This folder should contain a script titled data_query.r
, which selects sites, queries and downloads data, tidies and joins, and fills gaps. Other files in this folder may include quantitative analyses of the outputs of data_query.r
.
There are many ways this code could be made more efficient and straightforward. I left in some steps from our very first stages that run super slow (like hitting NWIS with 50 queries to cover all states since their server requires a spatial boundary). Now that we've got a Git repo, we can edit those parts out to make things run smoother and still be able to refer to them in the commit history if need be.
Data were retrieved from the USGS National Water Information System (NWIS) dataset using the dataRetrieval
package and from the NOAA Global Historical Climate Network Daily (GHCND) dataset using the rnoaa
package (both are R packages).
All 50 states were screened for sites possessing daily measurements (service = 'dv'
) of mean (statCd = "00003"
) nitrate/nitrite concentration values (parmCd = "99133"
). This returned 132 sites. From these, sites not appearing on a list of delineated watersheds provided by Galen were removed. This left 48 sites with delineated watersheds. Sites with fewer than 1000 days of discharge data, or fewer than 500 days of any of the six other variables of interest (listed below) were removed, leaving 14 sites. Of these, 10 were in the Midwest (part numbers 03 through 06), whereas 4 were around the East Coast (part numbers 01 and 02). We chose to initially focus on sites in the Midwest. Lastly, one of these 10 sites (USGS ID: 05599490) was removed because it had its catchment delineated in a separate USGS dataset and thus lacked some attributes calculated for the other 9.
- Discharge (00060)
- Water temperature (00010)
- Nitrate/nitrite concentration (99133)
- Specific conductance (00095)
- Dissolved oxygen (00300)
- pH (00400)
- Turbidity (63680)
Across the 9 sites, the earliest 'dv' data availability of water chemistry variables was 2013-12-05. Data were queried from 2010 onwards to provide sufficient discharge history for our lookback.
Discharge and water temperature are the only two hydrologic variables that we gap-filled so far. Water chemistry variables are considered response variables for the time being, and response variables don't necessarily have to be continuous for an LSTM.
Data coverage for discharge was very good: only 9 missing days between 2010-01-01 and 2021-06-04 for all 9 sites combined. Gaps were all only 1-2 days long. These were filled with simple linear interpolation using baytrends
(documentation). A column named "discharge_interp"
was added to flag interpolated values ("linear"
).
Water temperature had many more gaps, some of which were several months in length. We will need to revisit how to fill these gaps, but for now, I filled 7-day-or-shorter gaps with linear interpolation. Once again a flag column ("water_temp_interp"
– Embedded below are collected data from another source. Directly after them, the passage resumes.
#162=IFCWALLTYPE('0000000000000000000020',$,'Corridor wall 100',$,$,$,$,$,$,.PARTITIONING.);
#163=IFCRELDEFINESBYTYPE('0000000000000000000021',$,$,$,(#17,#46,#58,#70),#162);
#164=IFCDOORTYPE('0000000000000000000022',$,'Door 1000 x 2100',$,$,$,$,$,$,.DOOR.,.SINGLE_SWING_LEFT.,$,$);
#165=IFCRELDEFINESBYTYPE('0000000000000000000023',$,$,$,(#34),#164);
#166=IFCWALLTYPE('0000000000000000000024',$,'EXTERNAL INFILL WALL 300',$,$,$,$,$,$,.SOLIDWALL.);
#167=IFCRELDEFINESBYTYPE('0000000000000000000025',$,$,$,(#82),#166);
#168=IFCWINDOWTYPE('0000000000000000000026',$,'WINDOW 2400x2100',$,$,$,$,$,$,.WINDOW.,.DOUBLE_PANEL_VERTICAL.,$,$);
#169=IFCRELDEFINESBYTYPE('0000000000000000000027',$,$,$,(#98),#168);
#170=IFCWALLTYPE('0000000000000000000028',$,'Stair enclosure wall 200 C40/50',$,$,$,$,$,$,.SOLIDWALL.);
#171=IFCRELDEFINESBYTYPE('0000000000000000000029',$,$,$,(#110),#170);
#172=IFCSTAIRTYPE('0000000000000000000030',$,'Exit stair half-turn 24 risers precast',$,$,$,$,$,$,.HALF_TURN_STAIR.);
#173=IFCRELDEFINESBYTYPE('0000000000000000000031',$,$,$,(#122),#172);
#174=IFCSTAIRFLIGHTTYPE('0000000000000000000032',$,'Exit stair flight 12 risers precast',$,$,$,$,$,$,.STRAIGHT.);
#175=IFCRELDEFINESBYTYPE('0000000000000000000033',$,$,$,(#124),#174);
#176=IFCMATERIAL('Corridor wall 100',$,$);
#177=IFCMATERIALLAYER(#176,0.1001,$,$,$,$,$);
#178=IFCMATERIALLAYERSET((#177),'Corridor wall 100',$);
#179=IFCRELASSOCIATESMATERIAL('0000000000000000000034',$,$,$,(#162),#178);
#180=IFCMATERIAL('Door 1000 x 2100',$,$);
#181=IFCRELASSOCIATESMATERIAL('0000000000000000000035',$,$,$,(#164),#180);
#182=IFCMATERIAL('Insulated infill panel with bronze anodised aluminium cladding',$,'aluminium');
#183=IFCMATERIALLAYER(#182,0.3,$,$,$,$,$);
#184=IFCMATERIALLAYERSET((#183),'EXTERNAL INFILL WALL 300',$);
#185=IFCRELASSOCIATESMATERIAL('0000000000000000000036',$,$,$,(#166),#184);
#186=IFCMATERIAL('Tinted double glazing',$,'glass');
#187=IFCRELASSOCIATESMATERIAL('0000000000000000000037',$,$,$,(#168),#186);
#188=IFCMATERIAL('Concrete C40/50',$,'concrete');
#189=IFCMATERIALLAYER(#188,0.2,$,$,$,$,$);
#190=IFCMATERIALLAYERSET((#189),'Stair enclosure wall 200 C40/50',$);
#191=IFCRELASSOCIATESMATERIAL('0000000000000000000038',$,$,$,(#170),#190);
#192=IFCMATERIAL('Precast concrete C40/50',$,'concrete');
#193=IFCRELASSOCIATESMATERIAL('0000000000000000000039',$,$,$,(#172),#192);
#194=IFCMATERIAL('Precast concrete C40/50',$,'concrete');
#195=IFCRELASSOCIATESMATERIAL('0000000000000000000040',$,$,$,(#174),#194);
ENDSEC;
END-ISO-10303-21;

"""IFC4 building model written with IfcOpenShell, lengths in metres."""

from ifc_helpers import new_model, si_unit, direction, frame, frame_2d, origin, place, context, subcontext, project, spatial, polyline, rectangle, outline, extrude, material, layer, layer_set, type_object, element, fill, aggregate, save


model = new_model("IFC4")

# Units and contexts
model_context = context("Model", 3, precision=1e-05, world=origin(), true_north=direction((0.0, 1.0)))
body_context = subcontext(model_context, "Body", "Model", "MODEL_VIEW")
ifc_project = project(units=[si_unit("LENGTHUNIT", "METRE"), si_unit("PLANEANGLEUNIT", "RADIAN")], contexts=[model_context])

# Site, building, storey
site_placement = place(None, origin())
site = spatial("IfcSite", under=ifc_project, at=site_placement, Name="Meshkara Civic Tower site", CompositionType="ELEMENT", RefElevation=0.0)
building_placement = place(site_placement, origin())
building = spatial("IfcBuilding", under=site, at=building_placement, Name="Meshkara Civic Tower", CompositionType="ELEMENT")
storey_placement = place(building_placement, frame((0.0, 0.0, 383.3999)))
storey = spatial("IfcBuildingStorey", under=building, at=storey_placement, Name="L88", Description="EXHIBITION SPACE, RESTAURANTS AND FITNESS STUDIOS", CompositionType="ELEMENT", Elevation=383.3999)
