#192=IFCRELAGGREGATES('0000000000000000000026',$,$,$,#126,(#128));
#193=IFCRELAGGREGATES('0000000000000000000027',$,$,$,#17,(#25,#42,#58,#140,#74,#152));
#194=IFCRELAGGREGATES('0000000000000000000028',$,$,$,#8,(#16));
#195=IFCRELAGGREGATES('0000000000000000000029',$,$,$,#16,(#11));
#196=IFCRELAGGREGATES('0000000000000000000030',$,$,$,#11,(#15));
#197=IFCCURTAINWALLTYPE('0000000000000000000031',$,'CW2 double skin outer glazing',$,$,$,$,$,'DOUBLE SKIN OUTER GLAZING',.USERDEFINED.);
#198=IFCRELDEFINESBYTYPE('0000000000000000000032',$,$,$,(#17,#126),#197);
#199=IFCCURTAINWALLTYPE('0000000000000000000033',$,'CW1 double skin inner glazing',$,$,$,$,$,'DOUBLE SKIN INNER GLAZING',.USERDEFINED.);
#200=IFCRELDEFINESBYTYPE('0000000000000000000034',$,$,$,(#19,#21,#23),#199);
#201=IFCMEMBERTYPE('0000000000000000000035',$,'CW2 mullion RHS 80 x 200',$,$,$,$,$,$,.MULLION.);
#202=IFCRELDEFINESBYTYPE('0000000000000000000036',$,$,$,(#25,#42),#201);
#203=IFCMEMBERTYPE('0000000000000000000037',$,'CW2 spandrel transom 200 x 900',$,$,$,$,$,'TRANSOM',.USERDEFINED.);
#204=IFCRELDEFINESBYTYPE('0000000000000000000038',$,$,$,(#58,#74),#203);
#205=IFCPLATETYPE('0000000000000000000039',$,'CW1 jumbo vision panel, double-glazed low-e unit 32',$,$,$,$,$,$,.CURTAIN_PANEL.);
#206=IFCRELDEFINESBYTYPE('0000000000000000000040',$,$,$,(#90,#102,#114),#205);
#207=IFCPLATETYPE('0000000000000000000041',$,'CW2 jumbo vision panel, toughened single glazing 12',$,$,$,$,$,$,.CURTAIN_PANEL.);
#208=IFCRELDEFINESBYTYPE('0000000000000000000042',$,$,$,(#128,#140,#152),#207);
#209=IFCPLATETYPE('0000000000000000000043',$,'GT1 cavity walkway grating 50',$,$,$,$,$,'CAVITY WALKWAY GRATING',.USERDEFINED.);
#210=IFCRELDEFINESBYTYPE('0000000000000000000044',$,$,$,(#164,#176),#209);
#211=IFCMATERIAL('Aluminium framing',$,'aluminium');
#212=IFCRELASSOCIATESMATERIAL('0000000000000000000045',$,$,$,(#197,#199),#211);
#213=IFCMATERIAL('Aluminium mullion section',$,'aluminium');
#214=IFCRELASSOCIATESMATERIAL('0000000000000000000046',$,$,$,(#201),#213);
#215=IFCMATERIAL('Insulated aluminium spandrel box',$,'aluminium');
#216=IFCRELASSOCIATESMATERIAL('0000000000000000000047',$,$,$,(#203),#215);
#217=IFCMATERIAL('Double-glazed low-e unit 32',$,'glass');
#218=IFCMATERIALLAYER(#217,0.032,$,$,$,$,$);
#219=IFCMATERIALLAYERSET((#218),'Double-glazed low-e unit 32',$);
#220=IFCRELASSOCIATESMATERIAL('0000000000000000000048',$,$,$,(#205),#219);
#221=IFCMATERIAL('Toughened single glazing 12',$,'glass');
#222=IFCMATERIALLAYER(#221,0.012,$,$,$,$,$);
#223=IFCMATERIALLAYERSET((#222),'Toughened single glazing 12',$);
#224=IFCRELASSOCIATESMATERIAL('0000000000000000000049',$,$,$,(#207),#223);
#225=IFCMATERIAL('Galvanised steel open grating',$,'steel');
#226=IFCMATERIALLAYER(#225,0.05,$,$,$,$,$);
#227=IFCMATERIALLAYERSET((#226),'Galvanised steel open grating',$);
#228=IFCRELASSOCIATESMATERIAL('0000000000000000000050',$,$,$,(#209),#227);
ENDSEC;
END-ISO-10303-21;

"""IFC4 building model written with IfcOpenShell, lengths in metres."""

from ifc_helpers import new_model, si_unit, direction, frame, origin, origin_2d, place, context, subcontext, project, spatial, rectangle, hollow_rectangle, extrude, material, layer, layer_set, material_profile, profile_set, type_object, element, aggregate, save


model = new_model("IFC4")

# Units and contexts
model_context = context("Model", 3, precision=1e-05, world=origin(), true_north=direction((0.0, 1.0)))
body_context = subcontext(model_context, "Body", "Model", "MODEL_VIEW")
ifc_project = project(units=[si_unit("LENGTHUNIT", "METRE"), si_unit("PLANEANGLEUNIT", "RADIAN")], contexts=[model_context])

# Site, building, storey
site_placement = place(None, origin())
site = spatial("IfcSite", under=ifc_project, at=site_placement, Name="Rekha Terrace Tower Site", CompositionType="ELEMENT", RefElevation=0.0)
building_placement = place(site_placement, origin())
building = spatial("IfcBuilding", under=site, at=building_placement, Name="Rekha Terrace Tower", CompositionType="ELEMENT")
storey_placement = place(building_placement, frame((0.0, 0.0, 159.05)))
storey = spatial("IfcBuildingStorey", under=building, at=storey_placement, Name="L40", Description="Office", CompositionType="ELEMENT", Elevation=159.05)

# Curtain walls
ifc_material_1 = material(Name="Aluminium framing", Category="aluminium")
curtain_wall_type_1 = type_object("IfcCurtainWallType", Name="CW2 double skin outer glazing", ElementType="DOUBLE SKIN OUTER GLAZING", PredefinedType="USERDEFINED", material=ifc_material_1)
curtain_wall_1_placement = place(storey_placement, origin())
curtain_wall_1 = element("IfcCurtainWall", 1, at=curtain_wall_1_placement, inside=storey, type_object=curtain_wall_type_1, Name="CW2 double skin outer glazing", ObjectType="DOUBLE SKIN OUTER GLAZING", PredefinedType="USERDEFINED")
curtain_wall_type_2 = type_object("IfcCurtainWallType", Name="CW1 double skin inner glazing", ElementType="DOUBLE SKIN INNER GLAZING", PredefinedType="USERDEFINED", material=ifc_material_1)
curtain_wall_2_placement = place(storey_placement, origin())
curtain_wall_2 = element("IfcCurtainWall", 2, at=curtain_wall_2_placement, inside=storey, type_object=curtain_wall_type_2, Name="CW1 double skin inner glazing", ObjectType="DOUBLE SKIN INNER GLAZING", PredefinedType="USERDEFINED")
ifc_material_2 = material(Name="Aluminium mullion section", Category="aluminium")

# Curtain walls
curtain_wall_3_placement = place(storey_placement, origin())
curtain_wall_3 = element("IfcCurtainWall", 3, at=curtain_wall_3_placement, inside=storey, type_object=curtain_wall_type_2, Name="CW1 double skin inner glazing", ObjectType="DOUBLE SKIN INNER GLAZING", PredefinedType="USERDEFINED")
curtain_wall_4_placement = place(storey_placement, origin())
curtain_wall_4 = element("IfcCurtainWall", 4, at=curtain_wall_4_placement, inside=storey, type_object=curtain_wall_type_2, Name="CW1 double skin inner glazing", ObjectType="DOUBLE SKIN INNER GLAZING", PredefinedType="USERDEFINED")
) was added to mark these interpolated values. Longer gaps were filled day-wise with the average of all values collected at that site on that day of the year ("seasonal"
). These two measures together filled all gaps, though it should be noted that they filled all the way from 2010 to the first measured value with a repeating seasonal pattern.
For each of the 9 NWIS sites, a list of all GHCND sites collecting one or more variables of interest (listed below) within a geographic projected ellipse (Δlat^2 + Δlon^2 < R^2) was formed and the approximate distance (km) to the corresponding NWIS site was calculated. As currently parameterized (R^2 = 0.2), this includes sites up to 50 km from the NWIS site. Data were pulled from all of these sites from 2010-01-01 to near the present (currently results in a little over half a million GHCND site x day rows).
- Precipitation (PRCP)
- Snow (SNOW)
- Snow depth (SNWD)
- Daily max. temp (TMAX)
- Daily min. temp (TMIN)
Note: TMAX and TMIN were chosen over TAVG as they are available for many more sites.
For each NWIS site x day, the average of all measured values at GHCND sites in the ellipse described above were averaged. This was initially implemented as a simple arithmetic average, but an inverse-distance-weighting function might be good to include in the future. This yielded very good coverage. SNWD had 87 remaining missing values, all others had fewer than 20, and PRCP had 0. For SNWD, TMAX, and TMIN, these values were filled with the same linear interpolation as the hydrologic variables. For SNOW (and PRCP in case missing values appear in future data downloads), they were filled with zeros (n = 18 out of 37,548), since we don't expect precipitation to be as autocorrelated day to day as temperature or snow accumulation.
There were two gaps for snow depth that were longer than 7 days, in May and July 2011, surrounded by zeroes on both sides. I upped the threshold for linear interpolation to 21 days to effectively zero these out. I also noticed upon further review that all of the interpolated SNWD, TMAX, and TMIN values were at one site (05595000).